Click the canvas to append individual data points. Use Spawn or Bad Spawn to auto-place seeds.

Step: init

Inertia (WCSS)

The hook (a kitchen on every corner)

Imagine a pizza chain opening k new kitchens. Every customer lives somewhere on the map. The company wants each kitchen to “own” the customers closest to it—so drivers travel shorter routes on average.

K-Means is the spreadsheet version of that puzzle. You don’t label anyone in advance; you only say how many hubs you want. The algorithm keeps nudging those hubs until deliveries feel as tight as possible.

The core mechanics

k is simply how many groups you ask for. If k equals three, you are asking for three teams—not three specific people, just three buckets the data should sort into.

Centroid: The “center of gravity” for a group—a single (x, y) point that stands in for the whole cluster right now. Think of it as the pin on the map where a kitchen would sit if it had to represent everyone assigned to it.

Each data point has coordinates (for us, X and Y). To decide who belongs to which kitchen, we use Euclidean distance—the straight-line “as the crow flies” length you’d measure with a ruler. Smaller distance means “you belong to this centroid today.”

The algorithm’s goal is to shrink inertia (also called within-cluster sum of squares). That’s a fancy name for a simple idea: add up the squared distances from every point to its centroid and make that total as small as you can. Squaring punishes far-away outliers extra hard, so the solution prefers tight, honest clusters over one giant stretch.

How it moves (two beats, on repeat)

Assign: Every point picks the nearest centroid.
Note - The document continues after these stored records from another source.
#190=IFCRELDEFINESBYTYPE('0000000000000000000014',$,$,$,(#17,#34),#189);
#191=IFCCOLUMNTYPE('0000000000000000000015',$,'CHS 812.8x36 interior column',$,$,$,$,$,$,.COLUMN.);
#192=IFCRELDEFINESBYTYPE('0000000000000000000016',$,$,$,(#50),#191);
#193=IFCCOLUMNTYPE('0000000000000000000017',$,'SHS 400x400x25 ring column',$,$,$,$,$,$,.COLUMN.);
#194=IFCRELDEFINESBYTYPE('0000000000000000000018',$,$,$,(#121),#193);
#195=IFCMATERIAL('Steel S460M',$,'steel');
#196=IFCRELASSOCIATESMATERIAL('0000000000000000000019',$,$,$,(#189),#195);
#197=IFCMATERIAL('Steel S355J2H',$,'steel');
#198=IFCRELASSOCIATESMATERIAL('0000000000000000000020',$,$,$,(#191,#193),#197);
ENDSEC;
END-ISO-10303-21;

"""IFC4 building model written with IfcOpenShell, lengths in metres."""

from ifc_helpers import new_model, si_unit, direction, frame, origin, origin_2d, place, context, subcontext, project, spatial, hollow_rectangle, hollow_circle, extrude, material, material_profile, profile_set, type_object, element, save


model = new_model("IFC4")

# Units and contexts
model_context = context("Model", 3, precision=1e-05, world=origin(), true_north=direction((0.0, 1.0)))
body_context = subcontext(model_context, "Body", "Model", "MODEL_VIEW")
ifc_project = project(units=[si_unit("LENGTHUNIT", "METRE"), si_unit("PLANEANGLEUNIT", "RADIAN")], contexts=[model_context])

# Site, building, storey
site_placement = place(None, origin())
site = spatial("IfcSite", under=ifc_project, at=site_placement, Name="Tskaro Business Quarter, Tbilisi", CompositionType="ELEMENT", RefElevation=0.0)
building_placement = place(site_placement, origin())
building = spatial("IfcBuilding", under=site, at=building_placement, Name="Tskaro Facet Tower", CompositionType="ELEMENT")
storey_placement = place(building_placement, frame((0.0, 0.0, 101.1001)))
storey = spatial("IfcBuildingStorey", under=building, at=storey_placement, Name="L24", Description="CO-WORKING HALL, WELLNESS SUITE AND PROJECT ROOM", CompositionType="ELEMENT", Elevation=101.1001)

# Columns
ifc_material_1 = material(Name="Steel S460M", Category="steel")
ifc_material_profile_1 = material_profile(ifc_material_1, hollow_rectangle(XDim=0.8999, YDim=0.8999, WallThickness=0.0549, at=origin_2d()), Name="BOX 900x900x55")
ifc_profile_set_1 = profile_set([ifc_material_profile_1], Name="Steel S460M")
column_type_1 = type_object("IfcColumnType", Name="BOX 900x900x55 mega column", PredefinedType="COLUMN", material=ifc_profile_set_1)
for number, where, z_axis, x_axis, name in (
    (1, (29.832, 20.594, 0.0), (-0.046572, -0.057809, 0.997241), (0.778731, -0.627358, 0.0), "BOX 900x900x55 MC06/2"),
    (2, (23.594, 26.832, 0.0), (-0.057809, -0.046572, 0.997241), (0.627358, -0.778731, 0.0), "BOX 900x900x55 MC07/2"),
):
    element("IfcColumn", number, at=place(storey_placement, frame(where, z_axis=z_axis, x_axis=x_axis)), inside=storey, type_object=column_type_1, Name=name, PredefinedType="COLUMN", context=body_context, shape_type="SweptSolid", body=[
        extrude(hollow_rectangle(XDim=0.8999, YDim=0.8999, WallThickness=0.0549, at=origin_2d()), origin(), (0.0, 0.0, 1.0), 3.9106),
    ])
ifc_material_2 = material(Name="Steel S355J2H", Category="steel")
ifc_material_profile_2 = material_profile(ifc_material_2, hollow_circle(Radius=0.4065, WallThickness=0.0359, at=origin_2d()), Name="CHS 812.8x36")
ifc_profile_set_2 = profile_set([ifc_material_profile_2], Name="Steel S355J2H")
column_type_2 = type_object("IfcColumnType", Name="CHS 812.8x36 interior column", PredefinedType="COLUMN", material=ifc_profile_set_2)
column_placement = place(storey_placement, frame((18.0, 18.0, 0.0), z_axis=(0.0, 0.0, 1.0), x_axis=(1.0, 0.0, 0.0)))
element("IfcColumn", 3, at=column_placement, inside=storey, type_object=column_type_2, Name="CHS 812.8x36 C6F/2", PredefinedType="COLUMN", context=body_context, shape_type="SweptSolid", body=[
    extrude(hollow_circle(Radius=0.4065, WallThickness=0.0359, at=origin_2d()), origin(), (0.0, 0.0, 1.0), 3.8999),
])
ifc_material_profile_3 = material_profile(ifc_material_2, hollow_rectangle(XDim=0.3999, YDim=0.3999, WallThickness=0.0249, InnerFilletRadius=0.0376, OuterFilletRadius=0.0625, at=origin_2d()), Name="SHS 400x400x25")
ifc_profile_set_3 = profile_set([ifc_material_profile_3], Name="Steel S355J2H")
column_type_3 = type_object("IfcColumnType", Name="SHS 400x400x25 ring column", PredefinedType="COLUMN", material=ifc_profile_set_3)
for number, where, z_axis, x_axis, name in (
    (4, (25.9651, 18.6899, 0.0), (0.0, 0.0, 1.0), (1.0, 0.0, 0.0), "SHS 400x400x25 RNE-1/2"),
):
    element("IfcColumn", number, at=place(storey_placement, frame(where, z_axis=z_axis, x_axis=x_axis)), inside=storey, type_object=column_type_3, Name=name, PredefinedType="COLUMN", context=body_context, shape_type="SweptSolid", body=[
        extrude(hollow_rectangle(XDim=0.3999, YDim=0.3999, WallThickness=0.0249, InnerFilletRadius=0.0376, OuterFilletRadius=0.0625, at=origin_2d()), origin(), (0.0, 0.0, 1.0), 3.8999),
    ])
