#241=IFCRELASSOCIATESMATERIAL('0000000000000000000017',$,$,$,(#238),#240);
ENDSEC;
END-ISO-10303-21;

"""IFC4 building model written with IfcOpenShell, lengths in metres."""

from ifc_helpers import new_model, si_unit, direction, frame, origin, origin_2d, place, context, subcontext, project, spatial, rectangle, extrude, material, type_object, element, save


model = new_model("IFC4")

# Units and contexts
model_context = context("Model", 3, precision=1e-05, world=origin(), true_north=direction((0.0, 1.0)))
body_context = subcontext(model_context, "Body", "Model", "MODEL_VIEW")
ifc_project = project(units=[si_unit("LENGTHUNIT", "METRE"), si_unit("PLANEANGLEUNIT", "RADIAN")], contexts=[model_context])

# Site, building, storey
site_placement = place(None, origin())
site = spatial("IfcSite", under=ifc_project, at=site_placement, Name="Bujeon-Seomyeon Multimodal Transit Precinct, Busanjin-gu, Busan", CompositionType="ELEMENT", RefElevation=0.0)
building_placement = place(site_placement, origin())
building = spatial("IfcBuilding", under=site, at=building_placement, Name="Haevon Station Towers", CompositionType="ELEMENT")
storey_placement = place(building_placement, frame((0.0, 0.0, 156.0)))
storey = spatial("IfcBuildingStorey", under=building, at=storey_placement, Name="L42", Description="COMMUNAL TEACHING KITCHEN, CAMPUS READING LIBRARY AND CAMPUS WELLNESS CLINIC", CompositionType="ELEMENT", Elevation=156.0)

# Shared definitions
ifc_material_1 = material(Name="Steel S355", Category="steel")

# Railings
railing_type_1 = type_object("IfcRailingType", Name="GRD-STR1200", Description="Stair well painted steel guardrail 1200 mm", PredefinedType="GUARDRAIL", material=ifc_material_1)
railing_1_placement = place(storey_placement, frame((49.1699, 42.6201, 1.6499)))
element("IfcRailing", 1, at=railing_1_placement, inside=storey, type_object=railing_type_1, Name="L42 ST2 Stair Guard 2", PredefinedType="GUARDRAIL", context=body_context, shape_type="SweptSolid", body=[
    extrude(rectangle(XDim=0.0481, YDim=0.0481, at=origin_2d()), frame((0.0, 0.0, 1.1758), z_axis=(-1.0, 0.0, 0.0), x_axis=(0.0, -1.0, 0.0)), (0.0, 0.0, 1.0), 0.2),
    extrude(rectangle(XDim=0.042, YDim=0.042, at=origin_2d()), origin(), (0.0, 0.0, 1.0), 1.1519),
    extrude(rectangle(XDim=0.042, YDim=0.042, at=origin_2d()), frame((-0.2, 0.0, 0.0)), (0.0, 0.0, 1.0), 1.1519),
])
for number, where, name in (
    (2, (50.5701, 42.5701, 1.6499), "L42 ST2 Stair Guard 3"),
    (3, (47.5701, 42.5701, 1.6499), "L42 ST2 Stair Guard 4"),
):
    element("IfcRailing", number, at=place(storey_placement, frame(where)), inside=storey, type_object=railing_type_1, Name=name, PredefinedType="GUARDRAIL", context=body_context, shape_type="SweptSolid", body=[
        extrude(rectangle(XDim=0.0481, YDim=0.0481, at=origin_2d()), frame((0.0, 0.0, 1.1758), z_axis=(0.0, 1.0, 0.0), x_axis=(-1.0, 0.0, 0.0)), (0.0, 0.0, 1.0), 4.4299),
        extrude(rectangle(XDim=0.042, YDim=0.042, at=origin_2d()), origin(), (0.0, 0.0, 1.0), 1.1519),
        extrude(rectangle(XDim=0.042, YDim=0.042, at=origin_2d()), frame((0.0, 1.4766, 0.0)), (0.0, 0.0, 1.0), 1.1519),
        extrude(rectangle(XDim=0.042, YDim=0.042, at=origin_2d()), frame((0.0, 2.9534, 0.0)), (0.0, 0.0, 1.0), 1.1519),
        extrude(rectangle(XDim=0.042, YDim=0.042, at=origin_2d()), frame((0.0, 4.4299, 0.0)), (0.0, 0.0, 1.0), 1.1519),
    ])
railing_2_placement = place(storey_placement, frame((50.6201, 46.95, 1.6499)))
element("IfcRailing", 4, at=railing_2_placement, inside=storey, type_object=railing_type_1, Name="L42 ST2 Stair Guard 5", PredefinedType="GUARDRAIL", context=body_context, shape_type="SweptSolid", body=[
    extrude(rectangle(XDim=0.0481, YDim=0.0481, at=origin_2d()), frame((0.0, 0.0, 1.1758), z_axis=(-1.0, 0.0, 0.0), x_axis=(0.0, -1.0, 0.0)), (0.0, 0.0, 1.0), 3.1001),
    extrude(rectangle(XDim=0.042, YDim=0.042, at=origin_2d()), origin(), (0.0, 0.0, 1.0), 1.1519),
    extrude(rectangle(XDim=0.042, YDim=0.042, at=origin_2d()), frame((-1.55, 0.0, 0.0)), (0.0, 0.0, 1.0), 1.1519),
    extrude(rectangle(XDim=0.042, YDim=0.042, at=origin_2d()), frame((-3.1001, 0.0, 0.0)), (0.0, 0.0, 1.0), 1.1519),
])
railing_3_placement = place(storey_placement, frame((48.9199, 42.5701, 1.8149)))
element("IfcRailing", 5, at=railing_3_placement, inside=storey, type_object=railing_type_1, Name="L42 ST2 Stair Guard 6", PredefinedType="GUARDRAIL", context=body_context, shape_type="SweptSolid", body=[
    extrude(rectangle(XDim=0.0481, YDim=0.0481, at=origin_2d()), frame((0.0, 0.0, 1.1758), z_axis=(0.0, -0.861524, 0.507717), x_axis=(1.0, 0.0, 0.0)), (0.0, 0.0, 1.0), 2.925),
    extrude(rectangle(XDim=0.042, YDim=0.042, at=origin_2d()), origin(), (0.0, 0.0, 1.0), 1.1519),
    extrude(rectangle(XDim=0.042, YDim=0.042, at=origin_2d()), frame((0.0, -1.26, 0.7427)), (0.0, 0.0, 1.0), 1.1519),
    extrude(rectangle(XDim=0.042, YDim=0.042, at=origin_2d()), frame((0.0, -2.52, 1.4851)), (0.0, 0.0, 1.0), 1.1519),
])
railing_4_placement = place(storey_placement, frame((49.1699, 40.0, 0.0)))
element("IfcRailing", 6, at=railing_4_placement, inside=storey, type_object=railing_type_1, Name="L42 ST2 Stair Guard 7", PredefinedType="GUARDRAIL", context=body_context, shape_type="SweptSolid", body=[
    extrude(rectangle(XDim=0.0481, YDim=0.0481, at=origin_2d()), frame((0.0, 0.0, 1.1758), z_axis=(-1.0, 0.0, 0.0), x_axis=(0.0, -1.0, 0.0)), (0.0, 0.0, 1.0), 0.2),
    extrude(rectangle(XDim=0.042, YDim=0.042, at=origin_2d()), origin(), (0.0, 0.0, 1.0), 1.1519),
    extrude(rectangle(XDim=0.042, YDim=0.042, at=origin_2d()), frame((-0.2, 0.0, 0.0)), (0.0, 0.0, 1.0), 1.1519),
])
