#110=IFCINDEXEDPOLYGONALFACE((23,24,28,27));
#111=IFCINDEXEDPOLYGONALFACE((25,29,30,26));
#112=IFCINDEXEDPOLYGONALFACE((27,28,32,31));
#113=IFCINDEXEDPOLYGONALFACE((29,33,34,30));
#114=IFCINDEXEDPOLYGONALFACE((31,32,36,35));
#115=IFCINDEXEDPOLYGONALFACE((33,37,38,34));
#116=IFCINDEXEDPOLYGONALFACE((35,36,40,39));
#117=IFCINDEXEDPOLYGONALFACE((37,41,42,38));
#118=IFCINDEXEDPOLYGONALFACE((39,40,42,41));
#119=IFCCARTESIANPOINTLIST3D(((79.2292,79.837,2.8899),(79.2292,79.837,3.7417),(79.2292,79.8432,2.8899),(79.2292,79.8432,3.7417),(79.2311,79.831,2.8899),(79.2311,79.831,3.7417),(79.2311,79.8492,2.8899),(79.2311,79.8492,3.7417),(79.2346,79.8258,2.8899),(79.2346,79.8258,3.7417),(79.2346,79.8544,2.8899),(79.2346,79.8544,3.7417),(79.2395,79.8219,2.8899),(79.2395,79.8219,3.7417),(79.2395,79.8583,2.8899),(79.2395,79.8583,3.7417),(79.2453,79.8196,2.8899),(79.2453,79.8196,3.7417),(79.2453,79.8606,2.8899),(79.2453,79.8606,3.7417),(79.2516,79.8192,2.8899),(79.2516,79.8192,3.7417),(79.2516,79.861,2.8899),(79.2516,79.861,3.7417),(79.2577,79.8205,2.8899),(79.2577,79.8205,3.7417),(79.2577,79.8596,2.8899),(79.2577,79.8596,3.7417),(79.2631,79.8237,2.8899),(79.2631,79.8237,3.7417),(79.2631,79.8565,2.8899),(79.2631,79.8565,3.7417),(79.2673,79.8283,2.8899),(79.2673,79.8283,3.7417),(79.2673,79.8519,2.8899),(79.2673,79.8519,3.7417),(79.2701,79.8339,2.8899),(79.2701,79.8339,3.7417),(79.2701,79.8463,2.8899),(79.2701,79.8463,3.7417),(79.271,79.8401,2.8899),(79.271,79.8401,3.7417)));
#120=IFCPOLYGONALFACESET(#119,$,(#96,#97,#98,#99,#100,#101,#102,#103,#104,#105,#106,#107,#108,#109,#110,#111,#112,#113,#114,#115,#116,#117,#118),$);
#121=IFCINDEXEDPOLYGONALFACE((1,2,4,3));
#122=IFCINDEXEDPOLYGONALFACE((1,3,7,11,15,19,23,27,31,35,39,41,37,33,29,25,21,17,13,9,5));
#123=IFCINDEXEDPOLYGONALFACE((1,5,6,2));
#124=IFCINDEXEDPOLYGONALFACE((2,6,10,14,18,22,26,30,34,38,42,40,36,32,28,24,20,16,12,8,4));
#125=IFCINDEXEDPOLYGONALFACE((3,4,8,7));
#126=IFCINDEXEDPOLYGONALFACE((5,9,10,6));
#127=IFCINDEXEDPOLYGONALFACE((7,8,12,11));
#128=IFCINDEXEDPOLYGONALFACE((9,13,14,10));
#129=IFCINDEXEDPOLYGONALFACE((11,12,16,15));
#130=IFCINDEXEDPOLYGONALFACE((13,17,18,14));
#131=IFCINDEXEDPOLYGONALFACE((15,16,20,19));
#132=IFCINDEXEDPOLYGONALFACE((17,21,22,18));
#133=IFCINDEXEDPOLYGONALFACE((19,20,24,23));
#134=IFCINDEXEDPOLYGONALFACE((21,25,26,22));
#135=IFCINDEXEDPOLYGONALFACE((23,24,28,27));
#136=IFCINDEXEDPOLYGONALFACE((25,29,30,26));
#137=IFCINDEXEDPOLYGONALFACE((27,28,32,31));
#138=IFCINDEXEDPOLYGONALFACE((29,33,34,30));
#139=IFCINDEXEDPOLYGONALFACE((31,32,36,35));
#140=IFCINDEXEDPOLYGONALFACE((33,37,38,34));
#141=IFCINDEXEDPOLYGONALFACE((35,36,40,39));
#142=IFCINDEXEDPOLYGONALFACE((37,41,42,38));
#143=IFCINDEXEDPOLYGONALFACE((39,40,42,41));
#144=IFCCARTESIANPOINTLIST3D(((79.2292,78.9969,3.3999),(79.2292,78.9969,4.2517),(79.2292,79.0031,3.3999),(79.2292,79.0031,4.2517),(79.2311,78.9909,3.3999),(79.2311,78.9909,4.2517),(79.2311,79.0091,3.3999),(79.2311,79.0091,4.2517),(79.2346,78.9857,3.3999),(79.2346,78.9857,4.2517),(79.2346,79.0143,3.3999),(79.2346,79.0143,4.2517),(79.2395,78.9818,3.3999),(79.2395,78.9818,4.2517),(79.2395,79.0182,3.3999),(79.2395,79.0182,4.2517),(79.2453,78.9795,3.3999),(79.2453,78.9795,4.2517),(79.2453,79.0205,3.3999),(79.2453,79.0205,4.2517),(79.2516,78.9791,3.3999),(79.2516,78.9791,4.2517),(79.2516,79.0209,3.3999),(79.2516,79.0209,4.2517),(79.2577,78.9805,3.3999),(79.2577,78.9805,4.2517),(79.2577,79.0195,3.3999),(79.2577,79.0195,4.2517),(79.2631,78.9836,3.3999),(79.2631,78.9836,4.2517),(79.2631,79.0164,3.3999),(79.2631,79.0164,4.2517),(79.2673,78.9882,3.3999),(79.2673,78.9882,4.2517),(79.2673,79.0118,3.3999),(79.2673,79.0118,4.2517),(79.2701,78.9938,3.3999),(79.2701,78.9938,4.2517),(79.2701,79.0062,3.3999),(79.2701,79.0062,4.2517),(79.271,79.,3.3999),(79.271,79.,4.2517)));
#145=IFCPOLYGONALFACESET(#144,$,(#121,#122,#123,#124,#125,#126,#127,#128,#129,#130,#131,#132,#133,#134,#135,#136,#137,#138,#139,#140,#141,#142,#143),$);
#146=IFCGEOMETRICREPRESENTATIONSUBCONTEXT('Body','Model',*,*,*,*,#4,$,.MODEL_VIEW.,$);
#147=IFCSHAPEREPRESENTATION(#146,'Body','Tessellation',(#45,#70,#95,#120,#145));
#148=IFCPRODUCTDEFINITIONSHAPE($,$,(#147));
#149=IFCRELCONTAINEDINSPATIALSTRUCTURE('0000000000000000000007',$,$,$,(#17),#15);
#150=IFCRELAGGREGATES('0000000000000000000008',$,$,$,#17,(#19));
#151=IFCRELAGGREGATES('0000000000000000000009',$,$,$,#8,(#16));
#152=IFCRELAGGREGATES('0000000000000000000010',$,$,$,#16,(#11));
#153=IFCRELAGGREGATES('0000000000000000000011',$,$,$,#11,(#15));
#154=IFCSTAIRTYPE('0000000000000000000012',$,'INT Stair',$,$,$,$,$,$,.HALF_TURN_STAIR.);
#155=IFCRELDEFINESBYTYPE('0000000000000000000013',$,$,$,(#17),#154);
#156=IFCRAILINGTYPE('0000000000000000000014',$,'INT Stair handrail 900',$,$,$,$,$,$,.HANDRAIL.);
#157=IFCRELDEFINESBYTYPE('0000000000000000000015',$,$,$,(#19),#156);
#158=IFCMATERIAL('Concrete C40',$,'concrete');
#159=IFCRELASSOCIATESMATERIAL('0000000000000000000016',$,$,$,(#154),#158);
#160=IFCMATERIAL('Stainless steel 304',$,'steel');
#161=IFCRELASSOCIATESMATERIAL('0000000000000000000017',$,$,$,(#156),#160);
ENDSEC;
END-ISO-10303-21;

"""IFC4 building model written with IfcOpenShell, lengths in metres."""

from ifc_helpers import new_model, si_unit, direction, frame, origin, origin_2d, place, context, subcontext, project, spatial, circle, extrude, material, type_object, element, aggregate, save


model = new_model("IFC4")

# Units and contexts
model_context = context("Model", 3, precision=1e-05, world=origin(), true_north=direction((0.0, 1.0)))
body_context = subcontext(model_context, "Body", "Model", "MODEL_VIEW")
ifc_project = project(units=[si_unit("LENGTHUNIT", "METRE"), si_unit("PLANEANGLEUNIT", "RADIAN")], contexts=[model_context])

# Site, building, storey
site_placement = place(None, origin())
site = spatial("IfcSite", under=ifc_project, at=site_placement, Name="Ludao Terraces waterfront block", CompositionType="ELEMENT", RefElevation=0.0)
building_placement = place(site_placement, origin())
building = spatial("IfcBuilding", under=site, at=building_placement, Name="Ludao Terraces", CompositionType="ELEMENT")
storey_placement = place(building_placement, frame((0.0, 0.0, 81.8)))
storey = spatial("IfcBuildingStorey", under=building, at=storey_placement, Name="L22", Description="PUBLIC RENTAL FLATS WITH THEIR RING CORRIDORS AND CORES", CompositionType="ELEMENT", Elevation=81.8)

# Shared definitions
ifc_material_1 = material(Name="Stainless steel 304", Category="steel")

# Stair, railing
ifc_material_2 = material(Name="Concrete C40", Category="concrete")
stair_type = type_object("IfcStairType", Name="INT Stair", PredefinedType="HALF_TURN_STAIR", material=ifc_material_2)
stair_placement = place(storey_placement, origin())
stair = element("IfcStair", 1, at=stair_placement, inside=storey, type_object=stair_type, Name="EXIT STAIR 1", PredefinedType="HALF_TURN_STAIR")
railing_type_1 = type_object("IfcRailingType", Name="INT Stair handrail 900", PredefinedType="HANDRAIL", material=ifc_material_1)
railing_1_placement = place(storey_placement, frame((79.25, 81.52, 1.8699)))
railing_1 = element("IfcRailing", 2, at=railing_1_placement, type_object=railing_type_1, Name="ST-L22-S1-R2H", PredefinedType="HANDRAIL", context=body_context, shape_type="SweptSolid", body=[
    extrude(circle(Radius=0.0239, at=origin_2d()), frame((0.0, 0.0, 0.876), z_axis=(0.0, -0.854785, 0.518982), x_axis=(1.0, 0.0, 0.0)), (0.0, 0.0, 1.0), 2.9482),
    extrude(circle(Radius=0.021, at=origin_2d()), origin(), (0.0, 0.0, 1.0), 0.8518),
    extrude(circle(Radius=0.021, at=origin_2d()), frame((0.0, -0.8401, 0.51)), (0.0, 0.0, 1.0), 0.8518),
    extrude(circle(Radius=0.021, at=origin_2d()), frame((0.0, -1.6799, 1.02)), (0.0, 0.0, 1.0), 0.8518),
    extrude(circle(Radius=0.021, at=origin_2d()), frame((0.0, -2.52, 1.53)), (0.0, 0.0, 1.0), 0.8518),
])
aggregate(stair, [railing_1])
That’s the “which kitchen delivers my pizza?” step.

Update: Each centroid jumps to the average location of the points that chose it. That’s the “move the kitchen to where my customers actually cluster” step.

Repeat until the centroids barely budge. You’ve found a stable layout—not always the best possible layout globally, but one that makes local sense.

Where K-Means shows up for real

Customer segmentation: Marketing teams group shoppers by behavior so campaigns feel personal instead of spray-and-pray.
Image color compression: Old-school palettes often come from clustering millions of pixel colors into k representative swatches.
Document or ticket routing: Support desks cluster similar issues so the right playbook rises to the top.

The Achilles heel (why the pretty picture breaks)

K-Means secretly believes the world is made of round-ish blobs of similar width. When data looks like interlocking crescents (Two Moons in the sandbox), a round centroid cannot hug the curve—so the algorithm slices through the moon instead of tracing it.

Initialization matters, too. If all the starting centroids land in one corner (Bad Spawn), they can get trapped chasing a local minimum—a layout that looks stable but isn’t the global best. That’s why practitioners shuffle seeds, run the algorithm many times, or reach for smarter cousins when the geometry gets cruel.

You’re not doing anything wrong when the sandbox “fails.” You’re watching the assumptions leak out—which is exactly how you graduate from button-pressing to real modeling judgment.